Cells were washed with warm phosphate-buffered saline (PBS) and the culture medium was changed to experimental medium (DMEM or DMEM without glucose). For hypoxic condition, DMEM medium was gassed previously with 95%N2/5%CO2 for 15 min. For oxygen and glucose deprivation (OGD), DMEM without glucose was gassed previously with 95%N2/5%CO2 for 15 minutes and was added to cell culture plates. Cells were incubated in a polymer hypoxic glove box (Coy Laboratory Products Inc., Grass Lake, MI, USA), in which the oxygen concentration was set at 1% and temperature at 37°C. For control experiments, cells were cultured in DMEM in a normoxic environment at 37°C.

Measurement of intracellular ROS

ROS levels were monitored using the cell-permeable probe DCFH-DA (Huang et al 2004). Cells were incubated with 100 μM DCFH-DA (dissolved in dimethyl sulfoxide [DMSO]) for 30 minutes at 37°C. After the incubation, cells were washed 3 times with PBS and the relative levels of fluorescence were quantified with a fluoromicroplate reader (excitation 485 nm and emission 535 nm). The measured fluorescence values were expressed as a percentage of the fluorescence in control cells.
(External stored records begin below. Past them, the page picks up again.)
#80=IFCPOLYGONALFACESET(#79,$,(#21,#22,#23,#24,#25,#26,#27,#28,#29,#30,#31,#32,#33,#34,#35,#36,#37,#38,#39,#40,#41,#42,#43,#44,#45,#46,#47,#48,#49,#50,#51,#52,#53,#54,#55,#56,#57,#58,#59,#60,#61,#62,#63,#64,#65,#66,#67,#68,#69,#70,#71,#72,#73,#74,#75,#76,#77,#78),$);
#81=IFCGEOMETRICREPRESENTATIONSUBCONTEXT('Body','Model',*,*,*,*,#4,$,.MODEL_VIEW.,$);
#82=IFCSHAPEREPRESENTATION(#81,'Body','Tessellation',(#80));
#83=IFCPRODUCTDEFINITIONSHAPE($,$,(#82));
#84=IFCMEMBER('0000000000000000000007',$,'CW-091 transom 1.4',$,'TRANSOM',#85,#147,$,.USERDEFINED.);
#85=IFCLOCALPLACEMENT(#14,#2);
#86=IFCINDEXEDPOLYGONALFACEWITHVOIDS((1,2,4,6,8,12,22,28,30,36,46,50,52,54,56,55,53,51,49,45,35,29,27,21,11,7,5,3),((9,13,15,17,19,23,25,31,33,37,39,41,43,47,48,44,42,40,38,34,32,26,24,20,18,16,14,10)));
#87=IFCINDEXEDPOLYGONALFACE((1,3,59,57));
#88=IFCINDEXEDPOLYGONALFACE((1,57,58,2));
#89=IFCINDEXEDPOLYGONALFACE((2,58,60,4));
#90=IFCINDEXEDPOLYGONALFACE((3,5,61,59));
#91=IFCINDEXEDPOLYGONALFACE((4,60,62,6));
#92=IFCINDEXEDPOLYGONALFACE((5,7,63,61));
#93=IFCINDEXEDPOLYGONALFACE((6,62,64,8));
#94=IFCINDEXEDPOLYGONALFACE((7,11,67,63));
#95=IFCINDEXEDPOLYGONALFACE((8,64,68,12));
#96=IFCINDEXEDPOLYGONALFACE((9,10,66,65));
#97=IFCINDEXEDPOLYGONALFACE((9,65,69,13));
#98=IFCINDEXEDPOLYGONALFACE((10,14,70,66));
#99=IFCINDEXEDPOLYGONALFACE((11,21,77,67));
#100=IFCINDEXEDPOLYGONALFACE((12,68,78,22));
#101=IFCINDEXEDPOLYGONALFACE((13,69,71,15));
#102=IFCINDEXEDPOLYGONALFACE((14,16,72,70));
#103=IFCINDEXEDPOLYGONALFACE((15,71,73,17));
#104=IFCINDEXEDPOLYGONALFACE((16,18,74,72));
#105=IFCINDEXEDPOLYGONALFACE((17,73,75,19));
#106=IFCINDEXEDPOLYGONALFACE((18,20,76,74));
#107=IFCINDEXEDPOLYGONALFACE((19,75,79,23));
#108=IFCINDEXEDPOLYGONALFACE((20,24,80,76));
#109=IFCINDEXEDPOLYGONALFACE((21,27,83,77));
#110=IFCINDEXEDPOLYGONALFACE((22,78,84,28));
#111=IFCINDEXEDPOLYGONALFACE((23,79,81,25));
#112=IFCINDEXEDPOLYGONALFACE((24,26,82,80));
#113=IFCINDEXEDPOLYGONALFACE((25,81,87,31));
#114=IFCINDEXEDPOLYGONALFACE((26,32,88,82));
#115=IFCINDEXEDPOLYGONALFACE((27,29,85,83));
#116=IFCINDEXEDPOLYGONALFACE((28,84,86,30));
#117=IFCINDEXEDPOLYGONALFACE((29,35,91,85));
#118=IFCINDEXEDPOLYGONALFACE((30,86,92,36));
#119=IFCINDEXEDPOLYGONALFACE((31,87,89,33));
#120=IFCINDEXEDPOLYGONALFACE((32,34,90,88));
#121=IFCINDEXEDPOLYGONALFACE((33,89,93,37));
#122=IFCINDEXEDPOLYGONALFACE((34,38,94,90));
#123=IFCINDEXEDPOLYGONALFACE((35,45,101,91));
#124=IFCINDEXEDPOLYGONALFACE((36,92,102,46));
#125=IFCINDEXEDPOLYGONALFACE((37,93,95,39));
Evaluation of redox status by electron paramagnetic resonance (EPR) spectroscopy

The oxidation of the cyclic hydroxylamine CMH was used to measure overall cellular redox state by EPR spectroscopy as described by Hwang et al 2003 and Menshikov et al 2006. Subconfluent cells were harvested with trypsin, washed once with PBS, and resuspended in the appropriate media (normal or OGD) at a concentration of 2 × 106 cells/mL. EPR samples were prepared by adding 100 μM CMH and 100 μM diethylenetriamine pentaacetate to the cell suspension. The cell mixture immediately was drawn into custom-made gas-permeable Teflon tubing (Zeus Industries, Raritan, NJ, USA), folded 4 times, and inserted into a quartz tube open at each end. EPR signal intensities were obtained at 5-minute intervals for 60 min. Oxygen tension (1%) in the cavity was achieved by perfusing a gas mixture of O2/N2/CO2 (1/94/5%). The oxygen tension reached balance in less than 5 min. Air was used for normoxic experiments. The EPR cavity temperature (37°C) was controlled by a Bruker Temperature Controller (Billerica, MA, USA). The EPR spectra were obtained with a Bruker EleXsys 540 x-band EPR spectrometer operating at 9.03 GHz and 100 kHz field modulation. Typical settings for the spectrometer were: magnetic field, 320 mT; scan range, 11 mT; microwave power, 10 mW; modulation amplitude, 0.1 mT; time constant, 0.16 s. The EPR spectra were collected, stored, and manipulated using the Bruker Software Xepr®.

Measurement of glutathione/glutathione disulfide ratio

A widely used indicator of cellular redox environment (status; glutathione [GSH] to glutathione disulfide [GSSG] ratio) (Schafer and Buettner 2001) also was used to determine cellular redox status in Hsp70 cells under various exposures. The ratio was measured with a kit from Cayman (kit 703002, Ann Arbor, MI, USA), which employs a spectrophotometeric recycling assay (Lee et al 1998; Dringen et al 1999). Briefly, cells were scraped into cold PBS and centrifuged. The cell pellets were frozen at −80°C. Cells were thawed and homogenized in a cold buffer containing 0.2 M 2-(N-morpholino) ethanesulphonic acid, 50 mM phosphate, 1 mM EDTA, pH 6.0, and centrifuged at 10 000 g for 15 minutes at 4°C. The supernatants were removed for analyses according to the manufacturer's instruction. All the determinations were normalized to protein content determined by the method of Lowry et al (1951). The absorbances were recorded at 405 nm using a plate reader at 5-minute intervals for 30 min.

Measurement of GPx activity

GPx activity was measured by using a glutathione peroxidase assay kit (Cayman). Briefly, cells were scraped, collected, and homogenized in cold 50 mM potassium phosphate (pH 7.5, 1 mM EDTA). After the homogenates were centrifuged at 10 000 g for 15 minutes at 4°C, the supernatants were removed for analyses. The samples containing 50 μg total proteins were added to a solution containing 1 mM GSH, 0.4 unit/mL glutathione reductase, and 0.2 mM nicotinamide adenine dinucleotide phosphate (NADPH). The reaction was initiated by adding substrate cumene hydroperoxide (final concentration: 0.22 mM), and the reduction was recorded at 340 nm using a kinetic program (6 readings at 1-minute intervals). The GPx activity was determined by the rate of decrease in absorbance at 340 nm (1 mU/mL GPx = [A340/min]/ 0.0062). Results were normalized by total protein.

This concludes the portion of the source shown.